The story that convinced me to stop watching Sports Center was the Lance Armstrong doping scandal.
I always think it is wrong when ESPN attacks athletes. But, to be fair, some of them did ask to be public figures. I mean, if you sign up to play 3rd baseman for the New York Yankees, party with Madonna, and eat popcorn at the Super Bowl with Cameron Diaz, you clearly want to be a celebrity.
However, Lance Armstrong didn’t choose to be celebrity. He chose to ride a bicycle. In France. It seems to me that that is a recipe for anonymity. Most people had never heard of the Tour de France until Lance Armstong – an American cancer survivor – won the race several years in a row.
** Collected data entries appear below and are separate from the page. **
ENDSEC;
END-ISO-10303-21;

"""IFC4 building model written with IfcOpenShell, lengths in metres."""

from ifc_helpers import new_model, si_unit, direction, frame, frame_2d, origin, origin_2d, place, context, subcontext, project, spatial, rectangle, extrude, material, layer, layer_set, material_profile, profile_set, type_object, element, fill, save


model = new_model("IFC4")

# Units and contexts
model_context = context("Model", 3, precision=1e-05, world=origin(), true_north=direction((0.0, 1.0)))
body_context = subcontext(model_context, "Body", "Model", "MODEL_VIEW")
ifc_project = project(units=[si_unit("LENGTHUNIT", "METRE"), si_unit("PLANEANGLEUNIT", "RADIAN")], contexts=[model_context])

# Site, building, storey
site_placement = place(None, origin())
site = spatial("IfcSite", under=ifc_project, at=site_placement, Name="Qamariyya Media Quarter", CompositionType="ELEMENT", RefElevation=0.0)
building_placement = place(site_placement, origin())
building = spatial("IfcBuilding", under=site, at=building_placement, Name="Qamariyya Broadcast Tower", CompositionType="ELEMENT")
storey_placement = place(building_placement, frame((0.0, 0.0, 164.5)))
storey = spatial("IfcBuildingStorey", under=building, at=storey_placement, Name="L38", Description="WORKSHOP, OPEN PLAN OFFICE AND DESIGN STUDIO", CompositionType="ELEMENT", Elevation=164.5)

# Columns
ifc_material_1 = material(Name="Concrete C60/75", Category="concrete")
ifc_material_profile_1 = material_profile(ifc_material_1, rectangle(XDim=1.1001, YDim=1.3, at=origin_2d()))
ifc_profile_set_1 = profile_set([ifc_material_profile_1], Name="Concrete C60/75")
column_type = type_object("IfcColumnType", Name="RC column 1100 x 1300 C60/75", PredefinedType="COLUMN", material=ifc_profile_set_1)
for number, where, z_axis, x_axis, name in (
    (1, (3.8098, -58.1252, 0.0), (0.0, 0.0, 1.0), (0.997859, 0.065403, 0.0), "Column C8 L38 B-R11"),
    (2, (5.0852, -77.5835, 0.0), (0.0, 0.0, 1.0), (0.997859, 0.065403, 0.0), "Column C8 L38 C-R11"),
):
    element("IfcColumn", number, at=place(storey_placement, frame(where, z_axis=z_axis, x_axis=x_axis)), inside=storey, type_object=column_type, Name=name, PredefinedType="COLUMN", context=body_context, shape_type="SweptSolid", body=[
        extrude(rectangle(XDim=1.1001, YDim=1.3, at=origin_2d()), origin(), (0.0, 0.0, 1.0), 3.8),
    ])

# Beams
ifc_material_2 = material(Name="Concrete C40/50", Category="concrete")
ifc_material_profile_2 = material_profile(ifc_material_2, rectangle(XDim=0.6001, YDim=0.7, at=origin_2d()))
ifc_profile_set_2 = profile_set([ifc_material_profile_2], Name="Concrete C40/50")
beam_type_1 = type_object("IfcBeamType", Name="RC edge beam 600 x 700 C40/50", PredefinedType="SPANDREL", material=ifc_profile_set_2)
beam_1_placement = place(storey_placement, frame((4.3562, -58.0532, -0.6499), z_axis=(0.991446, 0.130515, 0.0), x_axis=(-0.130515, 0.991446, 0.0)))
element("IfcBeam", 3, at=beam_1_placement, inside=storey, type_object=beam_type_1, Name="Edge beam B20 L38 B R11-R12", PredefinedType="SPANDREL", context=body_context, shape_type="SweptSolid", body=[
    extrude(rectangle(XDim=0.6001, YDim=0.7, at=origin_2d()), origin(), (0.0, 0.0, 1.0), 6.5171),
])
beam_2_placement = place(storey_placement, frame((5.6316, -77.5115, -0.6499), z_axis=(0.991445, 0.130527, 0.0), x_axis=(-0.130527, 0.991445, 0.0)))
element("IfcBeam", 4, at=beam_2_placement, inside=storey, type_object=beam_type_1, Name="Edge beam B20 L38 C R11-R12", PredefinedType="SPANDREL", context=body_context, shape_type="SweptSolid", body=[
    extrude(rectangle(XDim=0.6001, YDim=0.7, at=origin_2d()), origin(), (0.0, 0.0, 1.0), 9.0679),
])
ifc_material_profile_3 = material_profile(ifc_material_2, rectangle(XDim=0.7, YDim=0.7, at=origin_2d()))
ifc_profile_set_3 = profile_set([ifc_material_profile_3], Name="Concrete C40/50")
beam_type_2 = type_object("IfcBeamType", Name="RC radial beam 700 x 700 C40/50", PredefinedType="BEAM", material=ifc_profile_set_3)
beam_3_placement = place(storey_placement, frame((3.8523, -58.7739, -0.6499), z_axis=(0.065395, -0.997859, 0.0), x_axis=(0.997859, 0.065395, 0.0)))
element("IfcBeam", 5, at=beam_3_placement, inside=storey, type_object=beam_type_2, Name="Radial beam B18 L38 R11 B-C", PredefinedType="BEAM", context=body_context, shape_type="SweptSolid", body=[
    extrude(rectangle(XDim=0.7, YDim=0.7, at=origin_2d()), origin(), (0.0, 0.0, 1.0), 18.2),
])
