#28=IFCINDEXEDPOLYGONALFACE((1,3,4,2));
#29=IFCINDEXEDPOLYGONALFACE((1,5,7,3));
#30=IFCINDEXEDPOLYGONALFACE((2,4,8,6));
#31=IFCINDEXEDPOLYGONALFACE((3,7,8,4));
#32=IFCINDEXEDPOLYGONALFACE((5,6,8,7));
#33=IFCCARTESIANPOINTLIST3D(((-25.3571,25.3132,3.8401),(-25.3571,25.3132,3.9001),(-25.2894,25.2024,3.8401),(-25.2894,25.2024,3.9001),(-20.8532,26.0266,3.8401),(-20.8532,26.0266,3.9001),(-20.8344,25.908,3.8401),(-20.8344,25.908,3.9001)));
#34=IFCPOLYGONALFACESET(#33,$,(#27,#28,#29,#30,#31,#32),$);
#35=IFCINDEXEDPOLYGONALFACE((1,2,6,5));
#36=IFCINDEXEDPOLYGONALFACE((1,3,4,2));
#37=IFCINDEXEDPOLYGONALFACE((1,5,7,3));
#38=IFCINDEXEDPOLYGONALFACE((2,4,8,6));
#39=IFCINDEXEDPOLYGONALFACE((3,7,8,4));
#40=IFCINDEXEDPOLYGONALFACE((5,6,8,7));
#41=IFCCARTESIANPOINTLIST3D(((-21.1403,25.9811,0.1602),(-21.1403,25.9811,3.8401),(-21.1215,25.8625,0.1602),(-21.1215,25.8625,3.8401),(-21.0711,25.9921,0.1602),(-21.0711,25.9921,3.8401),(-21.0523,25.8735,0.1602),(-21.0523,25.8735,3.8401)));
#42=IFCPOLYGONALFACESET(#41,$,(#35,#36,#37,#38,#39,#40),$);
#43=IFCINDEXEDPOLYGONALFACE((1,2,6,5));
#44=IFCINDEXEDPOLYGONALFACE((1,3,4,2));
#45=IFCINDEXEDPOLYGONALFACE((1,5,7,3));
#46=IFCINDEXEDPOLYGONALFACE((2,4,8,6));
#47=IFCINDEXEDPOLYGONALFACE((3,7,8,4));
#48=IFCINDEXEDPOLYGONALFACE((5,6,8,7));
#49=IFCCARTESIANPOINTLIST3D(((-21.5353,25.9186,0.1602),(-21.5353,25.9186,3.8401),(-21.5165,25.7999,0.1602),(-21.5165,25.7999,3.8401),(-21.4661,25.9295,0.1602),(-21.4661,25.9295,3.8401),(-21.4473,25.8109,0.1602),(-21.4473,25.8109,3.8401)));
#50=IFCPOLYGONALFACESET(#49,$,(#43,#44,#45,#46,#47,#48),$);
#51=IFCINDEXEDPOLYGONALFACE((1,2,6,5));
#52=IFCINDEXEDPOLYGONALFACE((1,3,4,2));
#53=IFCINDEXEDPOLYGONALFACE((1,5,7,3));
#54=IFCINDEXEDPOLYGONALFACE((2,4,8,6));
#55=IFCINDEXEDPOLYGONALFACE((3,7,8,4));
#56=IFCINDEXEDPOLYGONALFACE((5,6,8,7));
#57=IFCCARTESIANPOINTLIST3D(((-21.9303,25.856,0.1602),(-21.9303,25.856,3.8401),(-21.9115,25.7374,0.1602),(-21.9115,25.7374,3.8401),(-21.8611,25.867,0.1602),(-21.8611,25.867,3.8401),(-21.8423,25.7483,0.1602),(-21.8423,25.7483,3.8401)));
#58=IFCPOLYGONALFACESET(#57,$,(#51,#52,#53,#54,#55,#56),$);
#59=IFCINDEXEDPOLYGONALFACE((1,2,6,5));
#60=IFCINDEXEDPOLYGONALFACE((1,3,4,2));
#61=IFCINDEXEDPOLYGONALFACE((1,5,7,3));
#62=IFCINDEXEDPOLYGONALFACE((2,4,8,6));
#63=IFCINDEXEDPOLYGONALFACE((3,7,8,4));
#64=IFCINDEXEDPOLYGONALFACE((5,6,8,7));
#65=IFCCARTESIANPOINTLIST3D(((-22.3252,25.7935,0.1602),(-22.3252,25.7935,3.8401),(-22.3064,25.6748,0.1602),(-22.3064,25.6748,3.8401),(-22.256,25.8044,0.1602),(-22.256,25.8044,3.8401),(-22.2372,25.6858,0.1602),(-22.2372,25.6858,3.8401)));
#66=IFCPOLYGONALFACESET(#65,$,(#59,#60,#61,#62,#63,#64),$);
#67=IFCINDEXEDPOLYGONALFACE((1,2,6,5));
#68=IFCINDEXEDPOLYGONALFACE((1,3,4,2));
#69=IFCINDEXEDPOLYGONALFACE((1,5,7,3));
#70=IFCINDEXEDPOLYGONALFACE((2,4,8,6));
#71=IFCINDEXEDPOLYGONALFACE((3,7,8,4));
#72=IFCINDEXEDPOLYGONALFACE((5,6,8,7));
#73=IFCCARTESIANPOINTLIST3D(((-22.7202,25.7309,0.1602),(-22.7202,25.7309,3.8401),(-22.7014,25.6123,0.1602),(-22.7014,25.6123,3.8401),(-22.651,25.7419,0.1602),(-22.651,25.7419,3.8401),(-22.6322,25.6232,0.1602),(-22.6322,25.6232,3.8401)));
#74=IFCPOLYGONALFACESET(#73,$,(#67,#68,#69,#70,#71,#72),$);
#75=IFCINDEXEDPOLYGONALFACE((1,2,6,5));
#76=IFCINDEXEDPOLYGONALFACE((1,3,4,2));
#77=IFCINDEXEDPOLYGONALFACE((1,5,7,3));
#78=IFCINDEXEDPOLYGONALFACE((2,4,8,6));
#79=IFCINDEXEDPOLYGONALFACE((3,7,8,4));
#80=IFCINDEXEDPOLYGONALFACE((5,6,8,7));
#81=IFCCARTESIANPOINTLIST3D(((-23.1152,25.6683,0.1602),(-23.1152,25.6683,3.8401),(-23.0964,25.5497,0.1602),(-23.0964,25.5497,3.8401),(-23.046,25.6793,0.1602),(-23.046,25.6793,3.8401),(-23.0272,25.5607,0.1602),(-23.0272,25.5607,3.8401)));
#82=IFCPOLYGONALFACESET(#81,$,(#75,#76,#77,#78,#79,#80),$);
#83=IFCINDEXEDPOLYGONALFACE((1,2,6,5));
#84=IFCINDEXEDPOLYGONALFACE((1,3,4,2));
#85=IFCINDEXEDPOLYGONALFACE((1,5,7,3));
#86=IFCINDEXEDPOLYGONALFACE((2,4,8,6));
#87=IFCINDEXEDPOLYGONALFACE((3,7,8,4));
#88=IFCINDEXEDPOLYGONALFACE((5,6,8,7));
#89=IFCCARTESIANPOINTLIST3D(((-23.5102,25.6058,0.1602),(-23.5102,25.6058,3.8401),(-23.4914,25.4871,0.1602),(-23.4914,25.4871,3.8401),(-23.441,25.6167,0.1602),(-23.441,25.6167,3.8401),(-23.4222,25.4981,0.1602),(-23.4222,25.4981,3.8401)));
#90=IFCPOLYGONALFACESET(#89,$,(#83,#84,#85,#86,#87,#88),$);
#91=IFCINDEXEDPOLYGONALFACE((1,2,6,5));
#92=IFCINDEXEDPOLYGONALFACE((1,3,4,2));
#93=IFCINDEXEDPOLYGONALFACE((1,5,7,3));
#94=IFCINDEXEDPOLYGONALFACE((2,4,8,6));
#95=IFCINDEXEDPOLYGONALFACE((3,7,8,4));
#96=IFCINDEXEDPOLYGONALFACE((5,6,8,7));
Though he didn’t ask to be a public figure, he took advantage of his fame and founded the LiveStrong Foundation: a charity that has raised $500 million for cancer survivors and their families.
In case you didn’t already know, Lance Armstrong was doping the entire time. The overlong and unenlightening documentary “The Armstrong Lie” shows how much performance enhancing Armstrong did and how he systematically lied about it.
And you know what? I don’t care at all.
I know this is not a popular opinion, but please hear me out. When I learn that an athlete has been outed as a doper, I feel bad for him. Society has encouraged him to perform at the highest level possible, to be relentlessly competitive, and to win at all costs. Society has rewarded him handsomely and made him feel like a hero for being such a competitive winner.
Then, all of a sudden, society turns against him and calls him a monster and a cheater and a fraud just because he used a substance that is currently banned.
One little injection turns a hero into a villain. It doesn’t make any sense to me. Who made these rules? Probably the producers at Sports Center. Because they like nothing more than to put a man on a pedestal and then wait until he slips so they can tear him down and drag his name through the mud.
In conclusion: when I think of Lance Armstrong, I think of a good athlete and a great philanthropist. When ESPN sees Lance Armstrong, they see a villain who is fair game to be attacked. I like sports and positivity. They like scandal and character assassination.
And that’s why I don’t watch Sports Center anymore.